One of my research objectives is to
design localized, sparse mathematical representations for images and
video, which when combined with simple and robust
techniques, allow one to construct such algorithms
(see Figures 4 and 5 for
examples from my recent research
that designs and exploits some sparse mathematical representations in
the contexts of images and video respectively).
A further objective is to expand these localized algorithms to more
global
scales in order to enable more sophisticated
applications and identify the performance
limits of "unintelligent" or low-level signal processing.
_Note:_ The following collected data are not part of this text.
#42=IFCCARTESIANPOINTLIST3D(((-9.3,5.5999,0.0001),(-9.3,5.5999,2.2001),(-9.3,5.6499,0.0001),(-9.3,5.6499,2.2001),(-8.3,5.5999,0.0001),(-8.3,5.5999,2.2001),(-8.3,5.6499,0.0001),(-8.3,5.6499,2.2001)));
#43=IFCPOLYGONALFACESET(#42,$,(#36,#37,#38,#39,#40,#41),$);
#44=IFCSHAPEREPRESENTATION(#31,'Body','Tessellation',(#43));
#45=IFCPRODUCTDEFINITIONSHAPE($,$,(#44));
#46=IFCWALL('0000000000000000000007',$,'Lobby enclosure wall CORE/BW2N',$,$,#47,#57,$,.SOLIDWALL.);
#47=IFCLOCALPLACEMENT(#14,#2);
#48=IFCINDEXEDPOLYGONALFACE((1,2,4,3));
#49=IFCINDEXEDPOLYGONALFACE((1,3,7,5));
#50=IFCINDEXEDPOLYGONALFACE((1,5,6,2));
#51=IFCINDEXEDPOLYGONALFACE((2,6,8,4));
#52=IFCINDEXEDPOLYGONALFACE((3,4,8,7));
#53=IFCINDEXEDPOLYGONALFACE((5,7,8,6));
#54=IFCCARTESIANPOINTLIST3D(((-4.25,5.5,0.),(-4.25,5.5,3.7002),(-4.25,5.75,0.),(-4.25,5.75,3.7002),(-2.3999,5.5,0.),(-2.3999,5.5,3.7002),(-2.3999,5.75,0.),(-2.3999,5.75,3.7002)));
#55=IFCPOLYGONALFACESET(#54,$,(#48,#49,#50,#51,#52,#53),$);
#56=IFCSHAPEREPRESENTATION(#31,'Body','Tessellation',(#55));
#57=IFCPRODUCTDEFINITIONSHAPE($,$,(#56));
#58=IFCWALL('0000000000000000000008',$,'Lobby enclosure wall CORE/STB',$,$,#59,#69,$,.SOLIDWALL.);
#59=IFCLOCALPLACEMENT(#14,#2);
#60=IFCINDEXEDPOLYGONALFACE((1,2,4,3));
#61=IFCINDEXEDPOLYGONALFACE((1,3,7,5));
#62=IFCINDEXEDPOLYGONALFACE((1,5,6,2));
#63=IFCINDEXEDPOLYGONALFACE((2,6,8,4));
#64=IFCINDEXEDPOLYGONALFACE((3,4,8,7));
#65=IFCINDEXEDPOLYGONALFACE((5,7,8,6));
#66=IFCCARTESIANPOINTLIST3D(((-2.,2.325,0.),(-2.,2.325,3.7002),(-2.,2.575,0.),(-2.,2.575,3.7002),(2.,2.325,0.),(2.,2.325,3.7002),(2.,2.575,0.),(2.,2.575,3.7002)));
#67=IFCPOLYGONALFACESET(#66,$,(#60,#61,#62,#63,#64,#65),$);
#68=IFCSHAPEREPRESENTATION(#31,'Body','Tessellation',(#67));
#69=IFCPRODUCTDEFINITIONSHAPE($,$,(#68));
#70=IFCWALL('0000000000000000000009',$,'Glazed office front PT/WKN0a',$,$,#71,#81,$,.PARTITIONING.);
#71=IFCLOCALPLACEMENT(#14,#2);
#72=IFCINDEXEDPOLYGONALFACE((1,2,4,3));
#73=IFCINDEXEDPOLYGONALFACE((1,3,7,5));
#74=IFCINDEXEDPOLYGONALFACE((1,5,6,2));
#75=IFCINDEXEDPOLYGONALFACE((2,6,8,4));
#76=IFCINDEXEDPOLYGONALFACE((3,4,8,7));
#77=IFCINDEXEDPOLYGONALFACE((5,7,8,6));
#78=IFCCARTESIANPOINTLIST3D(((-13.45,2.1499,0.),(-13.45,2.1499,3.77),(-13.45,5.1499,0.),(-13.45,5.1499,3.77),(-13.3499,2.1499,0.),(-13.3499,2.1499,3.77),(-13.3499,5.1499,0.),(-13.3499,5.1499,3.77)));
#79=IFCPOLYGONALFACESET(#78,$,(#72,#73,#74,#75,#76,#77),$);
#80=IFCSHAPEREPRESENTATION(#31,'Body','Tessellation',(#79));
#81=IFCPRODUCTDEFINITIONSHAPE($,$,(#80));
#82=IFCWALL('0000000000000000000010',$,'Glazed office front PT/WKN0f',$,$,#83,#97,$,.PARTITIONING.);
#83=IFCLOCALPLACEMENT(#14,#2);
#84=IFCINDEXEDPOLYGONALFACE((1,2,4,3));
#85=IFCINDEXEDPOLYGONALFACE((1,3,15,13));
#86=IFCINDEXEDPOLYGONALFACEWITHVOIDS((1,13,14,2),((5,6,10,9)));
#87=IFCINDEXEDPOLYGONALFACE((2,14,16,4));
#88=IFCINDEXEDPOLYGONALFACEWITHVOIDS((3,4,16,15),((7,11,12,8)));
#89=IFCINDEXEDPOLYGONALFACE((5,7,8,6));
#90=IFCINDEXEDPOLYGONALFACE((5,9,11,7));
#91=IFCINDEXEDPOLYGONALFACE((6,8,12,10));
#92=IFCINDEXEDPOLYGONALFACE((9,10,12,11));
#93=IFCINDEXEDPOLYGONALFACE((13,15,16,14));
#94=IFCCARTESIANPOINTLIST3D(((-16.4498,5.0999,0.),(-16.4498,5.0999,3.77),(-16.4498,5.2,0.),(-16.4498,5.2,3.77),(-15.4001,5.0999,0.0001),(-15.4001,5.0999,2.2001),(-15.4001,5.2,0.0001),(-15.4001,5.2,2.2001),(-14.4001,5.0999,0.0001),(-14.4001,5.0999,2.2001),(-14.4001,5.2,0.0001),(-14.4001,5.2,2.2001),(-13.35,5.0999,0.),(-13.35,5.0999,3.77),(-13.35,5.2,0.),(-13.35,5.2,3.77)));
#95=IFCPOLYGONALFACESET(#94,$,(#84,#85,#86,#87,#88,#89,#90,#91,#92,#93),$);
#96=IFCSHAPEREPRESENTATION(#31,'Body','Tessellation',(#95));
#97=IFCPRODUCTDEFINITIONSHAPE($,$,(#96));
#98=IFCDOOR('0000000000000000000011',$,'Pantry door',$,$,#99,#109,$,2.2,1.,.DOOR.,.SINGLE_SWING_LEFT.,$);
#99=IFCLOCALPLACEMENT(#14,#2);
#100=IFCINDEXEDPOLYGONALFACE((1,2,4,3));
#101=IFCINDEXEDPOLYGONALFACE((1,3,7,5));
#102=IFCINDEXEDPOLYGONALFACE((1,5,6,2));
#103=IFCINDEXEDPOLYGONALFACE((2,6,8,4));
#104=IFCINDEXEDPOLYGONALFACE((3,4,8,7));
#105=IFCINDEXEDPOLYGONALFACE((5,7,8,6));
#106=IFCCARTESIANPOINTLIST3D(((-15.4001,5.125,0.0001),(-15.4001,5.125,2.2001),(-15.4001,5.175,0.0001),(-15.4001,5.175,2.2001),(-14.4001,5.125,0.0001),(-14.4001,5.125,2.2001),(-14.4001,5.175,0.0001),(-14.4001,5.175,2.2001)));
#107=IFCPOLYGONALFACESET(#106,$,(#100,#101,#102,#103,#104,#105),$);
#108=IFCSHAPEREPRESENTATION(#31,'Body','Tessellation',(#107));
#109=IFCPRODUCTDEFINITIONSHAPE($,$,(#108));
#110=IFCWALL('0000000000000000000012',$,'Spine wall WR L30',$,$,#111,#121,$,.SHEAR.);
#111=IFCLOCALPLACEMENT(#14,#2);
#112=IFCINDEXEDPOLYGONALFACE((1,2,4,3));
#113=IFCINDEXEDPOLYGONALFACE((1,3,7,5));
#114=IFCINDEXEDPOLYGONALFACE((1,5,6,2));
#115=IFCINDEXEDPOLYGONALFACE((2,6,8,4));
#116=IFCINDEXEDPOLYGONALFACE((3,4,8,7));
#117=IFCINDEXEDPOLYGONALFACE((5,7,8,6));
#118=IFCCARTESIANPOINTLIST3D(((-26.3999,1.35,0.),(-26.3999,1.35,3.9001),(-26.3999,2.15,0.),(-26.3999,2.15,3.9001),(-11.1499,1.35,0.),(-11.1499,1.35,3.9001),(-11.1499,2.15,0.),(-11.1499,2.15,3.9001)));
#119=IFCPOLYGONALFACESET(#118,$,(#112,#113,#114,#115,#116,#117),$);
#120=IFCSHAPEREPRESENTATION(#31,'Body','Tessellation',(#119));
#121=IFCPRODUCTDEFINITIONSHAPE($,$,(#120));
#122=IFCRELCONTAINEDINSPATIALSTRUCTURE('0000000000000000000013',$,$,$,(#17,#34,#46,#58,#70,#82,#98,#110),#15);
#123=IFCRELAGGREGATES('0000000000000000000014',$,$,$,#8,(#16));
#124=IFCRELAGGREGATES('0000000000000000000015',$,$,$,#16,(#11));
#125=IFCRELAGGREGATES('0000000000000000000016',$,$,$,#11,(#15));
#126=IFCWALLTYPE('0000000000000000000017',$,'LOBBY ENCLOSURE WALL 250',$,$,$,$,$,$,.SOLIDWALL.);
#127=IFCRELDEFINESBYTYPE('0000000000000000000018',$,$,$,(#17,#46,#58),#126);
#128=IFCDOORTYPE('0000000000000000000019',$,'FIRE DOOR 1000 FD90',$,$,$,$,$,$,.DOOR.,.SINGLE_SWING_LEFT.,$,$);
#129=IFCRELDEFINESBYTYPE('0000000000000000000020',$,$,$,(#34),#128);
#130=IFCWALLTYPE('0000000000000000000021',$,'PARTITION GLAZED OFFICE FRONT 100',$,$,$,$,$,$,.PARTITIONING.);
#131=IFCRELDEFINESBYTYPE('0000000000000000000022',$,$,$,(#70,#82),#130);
Extensions to other types of signals,
such as displacement fields that govern time evolutions of video
sequences [7],
developing robust tools that are applicable over image-like
nonstationary signals
are further objectives [2].
As the amount of accumulated data increases one is faced with three
important issues.
How does one compress, communicate and make sense of all this
information?
Whether we are trying to filter spam, generate automated news
summaries, or
compress and store large amounts of data in databases, there is a need
to do sophisticated modeling and processing on data defined
in large dimensions.
However, unless one can clearly delineate simple subsets in large
dimensions
and restrict algorithms to those subsets, the well-known
"curse of dimensions" phenomenon starts to hinder progress.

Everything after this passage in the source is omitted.